Gernsback as Writer-Prophet
The young Gernsback had to write much of the material in his earlier magazines,
and was a regular contributor to the last years of his life. His first book, The
Wireless Telephone, 1908, a combination of progress report and hopeful prediction,
was an attempt to speed the development of the art.
In 1911 he wrote his most important work, Ralph 124C 41+, a science-fiction novel
in which he predicted fairly accurately the progress of science and invention for
the next half century and more. His other important full-length book, Radio for
All, was a simple theory and how-to-do-it book for beginners. It was written in
1922.
Gernsback's imagination and scientific method led him to predict an almost unbelievable
number of electronic advances that-seemingly absurd when suggested-became facts
during his lifetime. Ralph 124C 41+, serialized in Modern Electrics in 1911, described
radar (with an illustration) so clearly that it can be used as a textbook to explain
radar today. (The imaginary equipment was use to locate a space vessel, incidentally.)

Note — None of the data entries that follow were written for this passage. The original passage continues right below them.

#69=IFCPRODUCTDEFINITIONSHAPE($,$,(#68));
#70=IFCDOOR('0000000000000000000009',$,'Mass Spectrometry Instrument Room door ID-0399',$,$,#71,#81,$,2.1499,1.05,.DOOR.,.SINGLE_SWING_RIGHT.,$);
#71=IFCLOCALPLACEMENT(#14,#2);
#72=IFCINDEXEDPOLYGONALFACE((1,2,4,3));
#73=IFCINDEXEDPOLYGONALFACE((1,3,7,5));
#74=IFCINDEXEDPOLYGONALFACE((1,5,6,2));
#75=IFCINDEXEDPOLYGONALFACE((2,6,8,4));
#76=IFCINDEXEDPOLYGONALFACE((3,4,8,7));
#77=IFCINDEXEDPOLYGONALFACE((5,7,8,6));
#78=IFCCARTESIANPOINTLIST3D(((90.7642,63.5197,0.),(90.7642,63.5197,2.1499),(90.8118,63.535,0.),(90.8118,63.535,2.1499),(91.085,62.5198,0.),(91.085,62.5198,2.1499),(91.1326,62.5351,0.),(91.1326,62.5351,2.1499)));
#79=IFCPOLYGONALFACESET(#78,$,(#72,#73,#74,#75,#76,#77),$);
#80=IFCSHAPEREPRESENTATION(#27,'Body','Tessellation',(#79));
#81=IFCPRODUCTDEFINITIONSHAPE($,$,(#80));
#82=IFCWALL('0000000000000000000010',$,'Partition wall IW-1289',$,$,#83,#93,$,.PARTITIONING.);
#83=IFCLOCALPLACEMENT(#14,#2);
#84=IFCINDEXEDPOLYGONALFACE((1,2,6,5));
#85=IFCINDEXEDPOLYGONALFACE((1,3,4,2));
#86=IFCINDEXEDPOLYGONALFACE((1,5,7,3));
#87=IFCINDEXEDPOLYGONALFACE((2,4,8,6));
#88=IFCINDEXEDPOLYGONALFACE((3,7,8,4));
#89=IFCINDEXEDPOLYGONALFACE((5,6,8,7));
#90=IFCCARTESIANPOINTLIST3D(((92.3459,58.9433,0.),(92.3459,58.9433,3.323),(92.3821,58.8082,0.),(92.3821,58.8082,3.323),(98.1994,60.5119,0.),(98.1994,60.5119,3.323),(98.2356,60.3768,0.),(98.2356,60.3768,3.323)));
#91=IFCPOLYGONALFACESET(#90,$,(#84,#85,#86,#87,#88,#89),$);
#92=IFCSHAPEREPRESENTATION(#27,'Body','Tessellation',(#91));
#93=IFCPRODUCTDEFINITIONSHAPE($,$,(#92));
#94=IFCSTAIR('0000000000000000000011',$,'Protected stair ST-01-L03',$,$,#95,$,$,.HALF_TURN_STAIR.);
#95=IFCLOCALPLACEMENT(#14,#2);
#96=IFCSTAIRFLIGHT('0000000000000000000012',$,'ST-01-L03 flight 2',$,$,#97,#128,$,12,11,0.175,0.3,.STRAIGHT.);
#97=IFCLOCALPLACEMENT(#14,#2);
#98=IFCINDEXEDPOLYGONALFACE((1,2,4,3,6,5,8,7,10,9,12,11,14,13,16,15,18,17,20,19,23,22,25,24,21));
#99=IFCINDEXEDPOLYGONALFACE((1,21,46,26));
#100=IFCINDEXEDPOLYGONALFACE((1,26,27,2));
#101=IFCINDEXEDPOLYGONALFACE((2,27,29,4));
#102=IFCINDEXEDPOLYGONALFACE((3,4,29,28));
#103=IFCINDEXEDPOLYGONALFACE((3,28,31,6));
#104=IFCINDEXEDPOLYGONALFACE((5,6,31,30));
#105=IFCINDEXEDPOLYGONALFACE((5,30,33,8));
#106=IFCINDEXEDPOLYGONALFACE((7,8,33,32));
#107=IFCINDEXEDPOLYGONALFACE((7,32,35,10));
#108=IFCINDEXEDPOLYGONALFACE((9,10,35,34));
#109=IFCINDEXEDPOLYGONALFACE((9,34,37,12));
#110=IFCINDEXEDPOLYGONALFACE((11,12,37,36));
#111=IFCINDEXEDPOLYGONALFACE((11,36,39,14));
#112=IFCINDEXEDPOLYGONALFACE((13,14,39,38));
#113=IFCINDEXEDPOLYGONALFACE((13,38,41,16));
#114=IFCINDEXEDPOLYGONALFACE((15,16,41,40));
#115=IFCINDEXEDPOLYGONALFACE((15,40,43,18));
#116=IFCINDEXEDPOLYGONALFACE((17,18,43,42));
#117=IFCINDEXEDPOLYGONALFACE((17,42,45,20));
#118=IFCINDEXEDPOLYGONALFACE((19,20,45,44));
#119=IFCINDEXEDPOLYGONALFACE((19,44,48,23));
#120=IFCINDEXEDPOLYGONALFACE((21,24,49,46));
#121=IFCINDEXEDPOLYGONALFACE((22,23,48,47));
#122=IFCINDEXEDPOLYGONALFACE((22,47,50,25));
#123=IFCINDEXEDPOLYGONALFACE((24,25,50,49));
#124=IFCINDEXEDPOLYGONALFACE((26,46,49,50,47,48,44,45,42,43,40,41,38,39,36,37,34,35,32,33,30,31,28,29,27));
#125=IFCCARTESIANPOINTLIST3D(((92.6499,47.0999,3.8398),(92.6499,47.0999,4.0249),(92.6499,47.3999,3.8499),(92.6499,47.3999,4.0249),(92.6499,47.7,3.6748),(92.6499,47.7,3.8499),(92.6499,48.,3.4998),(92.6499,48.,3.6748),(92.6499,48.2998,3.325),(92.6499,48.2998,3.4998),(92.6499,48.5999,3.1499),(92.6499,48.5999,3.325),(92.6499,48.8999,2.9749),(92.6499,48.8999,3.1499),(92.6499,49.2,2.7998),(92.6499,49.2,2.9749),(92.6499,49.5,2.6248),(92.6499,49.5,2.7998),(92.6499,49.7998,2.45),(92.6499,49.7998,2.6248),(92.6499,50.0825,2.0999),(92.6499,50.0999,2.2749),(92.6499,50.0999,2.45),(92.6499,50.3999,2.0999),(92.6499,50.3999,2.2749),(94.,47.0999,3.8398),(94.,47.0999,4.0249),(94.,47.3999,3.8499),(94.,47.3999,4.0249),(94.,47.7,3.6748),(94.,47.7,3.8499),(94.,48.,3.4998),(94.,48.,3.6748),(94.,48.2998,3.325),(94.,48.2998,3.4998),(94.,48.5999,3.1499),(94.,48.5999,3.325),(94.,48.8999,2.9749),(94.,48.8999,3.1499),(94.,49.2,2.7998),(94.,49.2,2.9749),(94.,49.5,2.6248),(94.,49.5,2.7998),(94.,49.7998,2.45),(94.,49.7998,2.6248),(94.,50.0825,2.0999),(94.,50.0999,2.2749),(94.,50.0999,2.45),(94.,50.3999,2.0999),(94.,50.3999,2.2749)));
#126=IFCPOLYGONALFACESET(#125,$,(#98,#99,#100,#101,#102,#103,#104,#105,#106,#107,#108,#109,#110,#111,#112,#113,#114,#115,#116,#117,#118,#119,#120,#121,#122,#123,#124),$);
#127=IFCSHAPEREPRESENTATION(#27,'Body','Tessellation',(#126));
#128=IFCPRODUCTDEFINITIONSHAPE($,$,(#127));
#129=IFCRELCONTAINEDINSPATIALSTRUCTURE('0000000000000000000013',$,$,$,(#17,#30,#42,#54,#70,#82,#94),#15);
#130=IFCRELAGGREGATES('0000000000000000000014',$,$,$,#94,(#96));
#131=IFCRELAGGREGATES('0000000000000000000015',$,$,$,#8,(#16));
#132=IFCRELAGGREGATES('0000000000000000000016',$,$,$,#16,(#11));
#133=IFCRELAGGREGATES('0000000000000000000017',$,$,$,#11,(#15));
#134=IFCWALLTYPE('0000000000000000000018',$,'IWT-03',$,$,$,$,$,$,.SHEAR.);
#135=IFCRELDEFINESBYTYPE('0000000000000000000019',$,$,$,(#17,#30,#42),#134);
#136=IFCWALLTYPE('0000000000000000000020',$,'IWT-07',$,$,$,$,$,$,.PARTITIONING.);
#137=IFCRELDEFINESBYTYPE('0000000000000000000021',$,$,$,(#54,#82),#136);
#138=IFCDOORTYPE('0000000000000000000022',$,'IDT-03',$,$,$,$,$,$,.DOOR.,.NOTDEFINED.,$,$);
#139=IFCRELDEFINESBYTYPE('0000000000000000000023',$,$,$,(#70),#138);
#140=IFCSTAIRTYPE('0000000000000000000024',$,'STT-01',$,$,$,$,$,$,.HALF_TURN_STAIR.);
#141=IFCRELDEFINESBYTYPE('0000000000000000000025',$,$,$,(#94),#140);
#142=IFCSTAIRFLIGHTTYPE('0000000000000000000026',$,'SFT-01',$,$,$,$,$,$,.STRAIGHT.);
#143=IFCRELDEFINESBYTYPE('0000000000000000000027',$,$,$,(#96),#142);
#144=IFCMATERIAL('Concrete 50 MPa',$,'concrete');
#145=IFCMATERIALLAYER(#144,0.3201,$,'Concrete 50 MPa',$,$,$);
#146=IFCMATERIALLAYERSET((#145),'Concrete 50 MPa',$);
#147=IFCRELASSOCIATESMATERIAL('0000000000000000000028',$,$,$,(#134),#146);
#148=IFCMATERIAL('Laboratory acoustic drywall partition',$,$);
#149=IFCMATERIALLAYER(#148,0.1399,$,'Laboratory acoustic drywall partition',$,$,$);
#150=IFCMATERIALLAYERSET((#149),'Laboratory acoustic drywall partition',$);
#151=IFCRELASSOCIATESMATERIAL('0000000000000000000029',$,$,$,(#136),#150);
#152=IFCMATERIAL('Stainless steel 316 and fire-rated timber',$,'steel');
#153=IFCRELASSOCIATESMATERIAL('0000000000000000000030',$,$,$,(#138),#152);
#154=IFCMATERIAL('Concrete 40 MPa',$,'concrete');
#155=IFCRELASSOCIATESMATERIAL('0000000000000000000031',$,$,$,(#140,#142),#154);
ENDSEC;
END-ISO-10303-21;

In the same book Gernsback mentioned two-way television, germicidal rays, tape
recorders (with 1/4-inch tape!), night baseball, artificial silk and wool, stainless
steel, magnesium as a structural material, and fluorescent lighting.
Many of his predictions were made in his annual Christmas booklets, which were
called Forecast since 1951. Some predictions have already been realized, like the
Celestial TV (and airplane shelterway) of Forecast 1952, issued at Christmas 1951.
Others, such as electronic weather control, are still in the future.
Another class of predictions - which might almost be called demands - appeared
very early. The article "Television and the Telephot" appeared in Modern Electrics
December 1909. In it, Gernsback unquestionably introduced the word "television"
into the English language, insisted that wireless picture transmission must come,
and suggested ways in which it could be realized.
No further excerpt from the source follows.